Decentralized liquid staking giant Lido Finance has decided to stop accepting new solana (SOL) token staking requests after Lido’s LDO token holders unilaterally voted in favor of discontinuing the service.
Staking SOL on Lido will no longer be available to new users, while the front-end will no longer be able to stake existing tokens in February 2024. As of Tuesday, about $55 million worth of SOL tokens are locked on Lido. data showsa significant decline from the peak of $440 million in April 2022.
“After much discussion and a vote by Lido DAO members, it was decided that the best course of action would be to phase out Lido on Solana,” Lido Developers said in a message.
“While this decision was difficult in light of the many strong relationships within the Solana ecosystem, it was considered a necessity for the continued success of the broader Lido protocol ecosystem,” the developers added.

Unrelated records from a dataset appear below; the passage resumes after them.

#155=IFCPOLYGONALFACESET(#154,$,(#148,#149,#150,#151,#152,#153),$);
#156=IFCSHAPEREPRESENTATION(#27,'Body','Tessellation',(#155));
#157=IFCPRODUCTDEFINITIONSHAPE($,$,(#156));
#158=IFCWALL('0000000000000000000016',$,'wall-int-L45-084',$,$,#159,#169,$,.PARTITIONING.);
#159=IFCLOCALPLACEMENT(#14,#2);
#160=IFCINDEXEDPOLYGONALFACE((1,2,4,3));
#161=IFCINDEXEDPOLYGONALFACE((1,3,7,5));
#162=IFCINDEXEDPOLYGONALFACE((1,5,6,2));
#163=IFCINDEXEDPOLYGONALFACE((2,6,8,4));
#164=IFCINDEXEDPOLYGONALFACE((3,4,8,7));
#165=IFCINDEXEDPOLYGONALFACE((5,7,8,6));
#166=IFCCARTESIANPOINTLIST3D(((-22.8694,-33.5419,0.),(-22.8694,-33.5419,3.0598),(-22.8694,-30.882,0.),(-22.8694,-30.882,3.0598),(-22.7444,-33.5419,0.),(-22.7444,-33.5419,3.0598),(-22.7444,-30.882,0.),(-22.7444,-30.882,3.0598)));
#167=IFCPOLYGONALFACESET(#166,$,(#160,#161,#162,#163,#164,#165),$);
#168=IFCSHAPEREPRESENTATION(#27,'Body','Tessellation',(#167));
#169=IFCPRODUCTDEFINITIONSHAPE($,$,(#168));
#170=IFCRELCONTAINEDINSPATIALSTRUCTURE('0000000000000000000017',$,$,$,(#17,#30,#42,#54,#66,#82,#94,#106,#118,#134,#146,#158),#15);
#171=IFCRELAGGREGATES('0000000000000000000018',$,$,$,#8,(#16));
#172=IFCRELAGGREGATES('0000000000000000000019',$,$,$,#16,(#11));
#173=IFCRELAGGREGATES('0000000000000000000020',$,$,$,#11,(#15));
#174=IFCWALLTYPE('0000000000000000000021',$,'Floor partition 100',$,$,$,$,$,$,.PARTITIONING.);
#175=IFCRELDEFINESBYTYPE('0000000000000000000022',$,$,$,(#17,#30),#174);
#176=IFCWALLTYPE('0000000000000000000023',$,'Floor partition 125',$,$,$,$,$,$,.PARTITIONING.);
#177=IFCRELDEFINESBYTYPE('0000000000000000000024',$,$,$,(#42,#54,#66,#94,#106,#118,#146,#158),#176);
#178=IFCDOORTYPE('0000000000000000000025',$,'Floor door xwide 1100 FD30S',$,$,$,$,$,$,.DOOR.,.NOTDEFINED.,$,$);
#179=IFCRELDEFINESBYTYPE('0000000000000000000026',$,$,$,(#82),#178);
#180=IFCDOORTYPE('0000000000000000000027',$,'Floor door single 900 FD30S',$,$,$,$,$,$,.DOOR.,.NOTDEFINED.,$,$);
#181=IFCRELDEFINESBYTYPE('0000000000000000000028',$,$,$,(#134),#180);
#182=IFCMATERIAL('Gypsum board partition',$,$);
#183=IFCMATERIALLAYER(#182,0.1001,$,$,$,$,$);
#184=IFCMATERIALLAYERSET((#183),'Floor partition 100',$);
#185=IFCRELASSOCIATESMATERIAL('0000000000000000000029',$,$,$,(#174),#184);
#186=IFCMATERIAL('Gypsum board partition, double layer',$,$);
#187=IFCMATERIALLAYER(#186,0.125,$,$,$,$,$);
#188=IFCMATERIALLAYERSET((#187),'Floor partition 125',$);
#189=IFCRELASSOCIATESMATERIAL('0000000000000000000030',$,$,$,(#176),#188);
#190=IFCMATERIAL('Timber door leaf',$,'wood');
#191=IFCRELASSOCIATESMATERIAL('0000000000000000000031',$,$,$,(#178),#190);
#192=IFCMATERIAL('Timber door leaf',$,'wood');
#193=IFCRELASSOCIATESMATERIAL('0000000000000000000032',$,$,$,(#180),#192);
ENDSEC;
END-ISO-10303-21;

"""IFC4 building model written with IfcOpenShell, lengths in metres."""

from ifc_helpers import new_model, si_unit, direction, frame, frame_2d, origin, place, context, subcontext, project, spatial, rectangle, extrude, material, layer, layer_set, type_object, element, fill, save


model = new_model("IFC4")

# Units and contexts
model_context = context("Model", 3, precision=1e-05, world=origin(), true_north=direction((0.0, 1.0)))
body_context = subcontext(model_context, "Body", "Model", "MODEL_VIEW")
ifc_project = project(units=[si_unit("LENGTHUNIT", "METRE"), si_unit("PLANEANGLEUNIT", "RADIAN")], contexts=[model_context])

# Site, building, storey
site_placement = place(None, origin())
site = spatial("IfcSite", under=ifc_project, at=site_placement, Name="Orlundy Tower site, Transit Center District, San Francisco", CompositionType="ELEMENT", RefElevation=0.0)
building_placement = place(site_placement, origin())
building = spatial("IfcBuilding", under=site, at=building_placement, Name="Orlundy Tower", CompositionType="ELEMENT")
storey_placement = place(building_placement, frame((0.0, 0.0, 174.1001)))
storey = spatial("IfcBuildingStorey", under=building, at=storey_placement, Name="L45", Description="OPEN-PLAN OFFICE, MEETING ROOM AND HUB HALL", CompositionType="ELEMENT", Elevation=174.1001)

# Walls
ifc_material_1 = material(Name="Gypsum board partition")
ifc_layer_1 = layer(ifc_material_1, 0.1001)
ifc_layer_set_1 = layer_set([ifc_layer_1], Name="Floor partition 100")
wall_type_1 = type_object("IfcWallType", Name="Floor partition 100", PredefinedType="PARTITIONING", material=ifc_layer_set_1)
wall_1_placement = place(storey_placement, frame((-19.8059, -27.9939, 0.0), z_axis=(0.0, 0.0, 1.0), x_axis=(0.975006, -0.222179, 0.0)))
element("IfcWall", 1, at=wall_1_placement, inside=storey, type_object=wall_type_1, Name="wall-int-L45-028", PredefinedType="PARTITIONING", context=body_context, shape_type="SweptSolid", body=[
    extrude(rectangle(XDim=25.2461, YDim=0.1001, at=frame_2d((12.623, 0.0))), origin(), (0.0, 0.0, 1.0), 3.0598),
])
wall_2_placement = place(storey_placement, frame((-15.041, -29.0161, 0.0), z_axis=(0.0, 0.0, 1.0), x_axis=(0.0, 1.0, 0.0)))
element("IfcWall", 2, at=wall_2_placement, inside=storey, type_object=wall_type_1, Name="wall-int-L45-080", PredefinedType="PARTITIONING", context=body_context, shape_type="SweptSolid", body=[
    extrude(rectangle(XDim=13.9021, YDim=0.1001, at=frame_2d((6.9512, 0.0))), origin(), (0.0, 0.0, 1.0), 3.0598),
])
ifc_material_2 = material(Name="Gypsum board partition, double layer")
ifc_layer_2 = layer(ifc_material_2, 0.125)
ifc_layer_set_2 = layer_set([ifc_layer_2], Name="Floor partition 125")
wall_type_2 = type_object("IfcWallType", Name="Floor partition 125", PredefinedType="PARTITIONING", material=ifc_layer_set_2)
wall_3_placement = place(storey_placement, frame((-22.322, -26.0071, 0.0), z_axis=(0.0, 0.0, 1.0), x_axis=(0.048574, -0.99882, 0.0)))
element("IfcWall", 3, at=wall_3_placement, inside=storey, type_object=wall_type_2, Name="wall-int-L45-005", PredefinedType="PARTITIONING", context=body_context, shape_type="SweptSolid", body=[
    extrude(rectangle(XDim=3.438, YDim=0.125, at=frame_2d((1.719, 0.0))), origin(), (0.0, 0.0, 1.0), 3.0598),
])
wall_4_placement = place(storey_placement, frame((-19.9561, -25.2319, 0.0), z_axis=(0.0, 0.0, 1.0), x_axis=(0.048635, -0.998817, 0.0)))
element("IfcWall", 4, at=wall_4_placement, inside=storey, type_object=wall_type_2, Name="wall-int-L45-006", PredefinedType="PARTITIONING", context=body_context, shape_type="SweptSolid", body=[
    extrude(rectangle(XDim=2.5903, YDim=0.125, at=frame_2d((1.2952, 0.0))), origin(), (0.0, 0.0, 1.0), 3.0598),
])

Over 92% of the Lido community voted to discontinue the product rather than choosing to continue the service, a vote that is ended on October 5 shows. In discussions leading up to the vote, some community members pointed out that the mentioned high costs by P2P developers to maintain the service has been a point of contention.
DAOs, short for decentralized autonomous organizations, are a blockchain-based organizational or business form often governed by a native crypto token. Staking refers to locking tokens onto a protocol to help validate transactions and maintain a blockchain network in exchange for rewards.
a proposal floated of P2P Validator, the developers who built the product on Lido in early September revealed that they had suffered losses of over $480,000 over the past year, compared to the $700,000 spent to build the product. It shared concerns that targets could not be achieved in the coming year, citing difficult market conditions.
“Achieving even 2% of market share by 2023-2024 seems unlikely, especially in the current Solana market, without any marketing support and given Lido DAO’s Commission Resolution 22 to end all incentives in Solana,” the proposal said of the team.
P2P Validator sought funding from Lido in its proposal to continue offering the SOL staking product to users, failing which it would have to discontinue the product.